À MADEMOISELLE JACQUES.


Ma chère Thérèse, puisque vous me permettez de ne pas vous appeler mademoiselle, apprenez une nouvelle importante dans le monde des arts, comme dit notre ami Bernard. Tiens ! ça rime ; mais ce qui n’a ni rime ni raison, c’est ce que je vais vous raconter. Figurez-vous qu’hier, après vous avoir ennuyée de ma visite, je trouvai en rentrant chez moi un mylord anglais… Après ça, ce n’est peut-être pas un mylord, mais, pour sûr, c’est un Anglais, lequel me dit en son patois : — Vous êtes peintre ? — Yes, mylord. — Vous faites la figure ? — Yes, mylord. — Et les mains ? — Yes, mylord ; les pieds aussi. — Bon ! — Très bons ! — Oh ! je suis sûr ! — Eh bien ! voulez-vous faire le portrait de moi ? — De vous ? — Pourquoi pas ?

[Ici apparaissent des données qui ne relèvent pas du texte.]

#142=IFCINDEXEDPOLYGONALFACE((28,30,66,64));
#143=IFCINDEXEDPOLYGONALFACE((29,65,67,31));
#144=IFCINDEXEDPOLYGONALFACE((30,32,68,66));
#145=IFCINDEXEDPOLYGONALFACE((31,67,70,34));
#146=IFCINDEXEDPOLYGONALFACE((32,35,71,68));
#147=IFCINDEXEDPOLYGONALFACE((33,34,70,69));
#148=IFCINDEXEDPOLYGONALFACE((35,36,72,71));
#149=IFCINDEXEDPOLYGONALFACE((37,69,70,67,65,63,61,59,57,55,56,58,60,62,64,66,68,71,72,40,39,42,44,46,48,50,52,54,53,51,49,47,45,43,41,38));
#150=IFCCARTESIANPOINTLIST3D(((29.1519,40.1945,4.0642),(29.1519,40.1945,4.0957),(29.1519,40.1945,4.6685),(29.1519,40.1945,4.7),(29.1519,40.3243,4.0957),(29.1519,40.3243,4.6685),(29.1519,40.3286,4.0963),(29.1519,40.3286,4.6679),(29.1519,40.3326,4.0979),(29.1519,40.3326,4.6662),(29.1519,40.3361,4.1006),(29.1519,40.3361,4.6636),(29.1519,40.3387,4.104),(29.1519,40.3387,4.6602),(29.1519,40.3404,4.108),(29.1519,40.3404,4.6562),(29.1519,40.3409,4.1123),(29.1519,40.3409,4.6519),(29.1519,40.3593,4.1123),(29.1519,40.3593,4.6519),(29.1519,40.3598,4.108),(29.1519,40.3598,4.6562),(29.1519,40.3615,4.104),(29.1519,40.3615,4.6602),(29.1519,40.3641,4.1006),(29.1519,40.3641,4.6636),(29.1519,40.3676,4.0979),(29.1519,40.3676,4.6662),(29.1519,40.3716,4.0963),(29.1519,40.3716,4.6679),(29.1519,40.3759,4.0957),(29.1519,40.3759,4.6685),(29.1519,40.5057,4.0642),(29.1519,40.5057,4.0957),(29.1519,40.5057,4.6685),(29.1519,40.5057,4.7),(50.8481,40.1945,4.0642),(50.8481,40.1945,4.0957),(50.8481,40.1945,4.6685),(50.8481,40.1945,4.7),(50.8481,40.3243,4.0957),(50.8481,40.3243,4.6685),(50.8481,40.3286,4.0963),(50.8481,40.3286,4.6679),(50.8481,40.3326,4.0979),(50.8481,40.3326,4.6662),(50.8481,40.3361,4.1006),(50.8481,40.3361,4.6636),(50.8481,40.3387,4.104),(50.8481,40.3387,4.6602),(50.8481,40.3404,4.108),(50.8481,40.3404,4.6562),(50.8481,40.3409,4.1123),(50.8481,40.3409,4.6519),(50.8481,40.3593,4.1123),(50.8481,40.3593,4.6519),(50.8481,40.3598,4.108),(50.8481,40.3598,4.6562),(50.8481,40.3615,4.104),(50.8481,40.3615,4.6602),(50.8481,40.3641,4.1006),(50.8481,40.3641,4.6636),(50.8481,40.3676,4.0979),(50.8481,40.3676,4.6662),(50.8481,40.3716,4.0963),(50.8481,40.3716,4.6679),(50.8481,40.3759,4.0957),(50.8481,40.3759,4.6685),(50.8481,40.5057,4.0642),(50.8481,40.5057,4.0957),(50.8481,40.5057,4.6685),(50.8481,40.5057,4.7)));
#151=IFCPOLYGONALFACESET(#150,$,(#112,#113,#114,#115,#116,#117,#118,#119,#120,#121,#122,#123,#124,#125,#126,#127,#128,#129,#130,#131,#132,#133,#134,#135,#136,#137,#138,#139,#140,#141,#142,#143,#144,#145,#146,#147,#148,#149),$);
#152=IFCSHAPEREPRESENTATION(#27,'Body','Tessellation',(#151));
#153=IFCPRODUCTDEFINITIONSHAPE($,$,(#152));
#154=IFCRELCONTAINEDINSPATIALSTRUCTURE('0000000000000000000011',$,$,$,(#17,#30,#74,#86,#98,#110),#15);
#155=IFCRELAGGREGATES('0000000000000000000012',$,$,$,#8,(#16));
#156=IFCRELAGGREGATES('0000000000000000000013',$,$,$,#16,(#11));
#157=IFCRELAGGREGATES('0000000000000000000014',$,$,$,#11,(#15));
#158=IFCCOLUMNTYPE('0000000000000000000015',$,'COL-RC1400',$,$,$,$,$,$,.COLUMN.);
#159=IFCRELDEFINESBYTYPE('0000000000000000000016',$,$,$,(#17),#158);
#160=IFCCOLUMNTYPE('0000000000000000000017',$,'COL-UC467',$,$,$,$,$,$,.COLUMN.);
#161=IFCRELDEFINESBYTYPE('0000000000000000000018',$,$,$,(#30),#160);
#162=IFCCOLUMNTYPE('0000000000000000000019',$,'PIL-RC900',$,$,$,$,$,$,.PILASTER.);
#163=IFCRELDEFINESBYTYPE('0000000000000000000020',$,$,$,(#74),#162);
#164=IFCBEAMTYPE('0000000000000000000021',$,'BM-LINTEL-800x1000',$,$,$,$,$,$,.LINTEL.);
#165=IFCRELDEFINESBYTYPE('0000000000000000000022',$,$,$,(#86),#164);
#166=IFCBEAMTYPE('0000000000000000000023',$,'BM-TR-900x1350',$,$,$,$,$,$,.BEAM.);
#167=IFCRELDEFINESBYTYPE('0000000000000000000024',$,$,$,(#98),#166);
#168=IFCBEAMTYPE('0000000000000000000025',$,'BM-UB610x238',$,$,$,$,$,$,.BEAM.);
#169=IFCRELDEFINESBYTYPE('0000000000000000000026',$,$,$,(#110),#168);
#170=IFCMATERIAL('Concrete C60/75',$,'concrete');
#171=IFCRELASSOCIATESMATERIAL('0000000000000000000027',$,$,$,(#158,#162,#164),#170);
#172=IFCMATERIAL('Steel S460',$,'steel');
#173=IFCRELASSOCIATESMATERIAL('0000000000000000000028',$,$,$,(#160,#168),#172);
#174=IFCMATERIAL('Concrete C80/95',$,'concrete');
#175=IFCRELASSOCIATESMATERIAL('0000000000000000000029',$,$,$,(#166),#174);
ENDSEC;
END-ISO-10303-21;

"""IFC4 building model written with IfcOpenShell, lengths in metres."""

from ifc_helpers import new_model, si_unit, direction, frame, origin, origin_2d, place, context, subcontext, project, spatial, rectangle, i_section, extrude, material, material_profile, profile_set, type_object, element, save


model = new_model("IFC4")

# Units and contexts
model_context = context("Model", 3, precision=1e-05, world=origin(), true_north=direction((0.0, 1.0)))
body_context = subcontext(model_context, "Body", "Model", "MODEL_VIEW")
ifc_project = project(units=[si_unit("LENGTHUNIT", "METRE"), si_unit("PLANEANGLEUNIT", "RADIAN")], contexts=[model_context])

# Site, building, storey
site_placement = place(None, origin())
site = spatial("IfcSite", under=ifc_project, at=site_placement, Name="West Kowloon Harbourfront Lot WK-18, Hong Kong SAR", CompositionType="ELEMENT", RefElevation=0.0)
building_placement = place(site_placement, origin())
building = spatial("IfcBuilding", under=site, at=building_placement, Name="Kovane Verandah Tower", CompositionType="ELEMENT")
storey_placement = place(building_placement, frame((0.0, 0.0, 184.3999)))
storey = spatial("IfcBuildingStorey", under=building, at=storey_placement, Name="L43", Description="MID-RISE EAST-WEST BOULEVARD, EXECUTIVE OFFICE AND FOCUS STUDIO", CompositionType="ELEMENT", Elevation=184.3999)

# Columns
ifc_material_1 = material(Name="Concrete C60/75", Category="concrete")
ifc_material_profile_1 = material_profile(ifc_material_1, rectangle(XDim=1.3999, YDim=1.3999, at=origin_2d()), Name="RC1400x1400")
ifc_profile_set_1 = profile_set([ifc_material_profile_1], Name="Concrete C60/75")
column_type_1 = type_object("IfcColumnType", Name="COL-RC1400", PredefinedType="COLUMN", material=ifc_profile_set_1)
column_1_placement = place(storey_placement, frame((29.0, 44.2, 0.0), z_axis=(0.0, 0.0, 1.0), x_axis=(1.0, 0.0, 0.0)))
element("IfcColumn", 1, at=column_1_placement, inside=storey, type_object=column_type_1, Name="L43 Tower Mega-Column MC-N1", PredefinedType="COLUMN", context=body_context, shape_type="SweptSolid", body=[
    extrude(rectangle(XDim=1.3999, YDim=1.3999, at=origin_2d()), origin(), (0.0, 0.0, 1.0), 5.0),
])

Le pourquoi pas fut dit avec tant de bonhomie que je cessai de le prendre pour un imbécile, d’autant plus que le fils d’Albion est un homme magnifique. C’est la tête d’Antinoüs sur les épaules de,… sur les épaules d’un Anglais, c’est-à-dire un type grec de la meilleure époque sur le buste un peu singulièrement habillé et cravaté d’un spécimen de la fashion britannique.

— Ma foi ! lui ai-je dit, vous êtes un beau modèle, à coup sûr, et j’aimerais à faire de vous une étude à mon profit ; mais je ne peux pas faire votre portrait.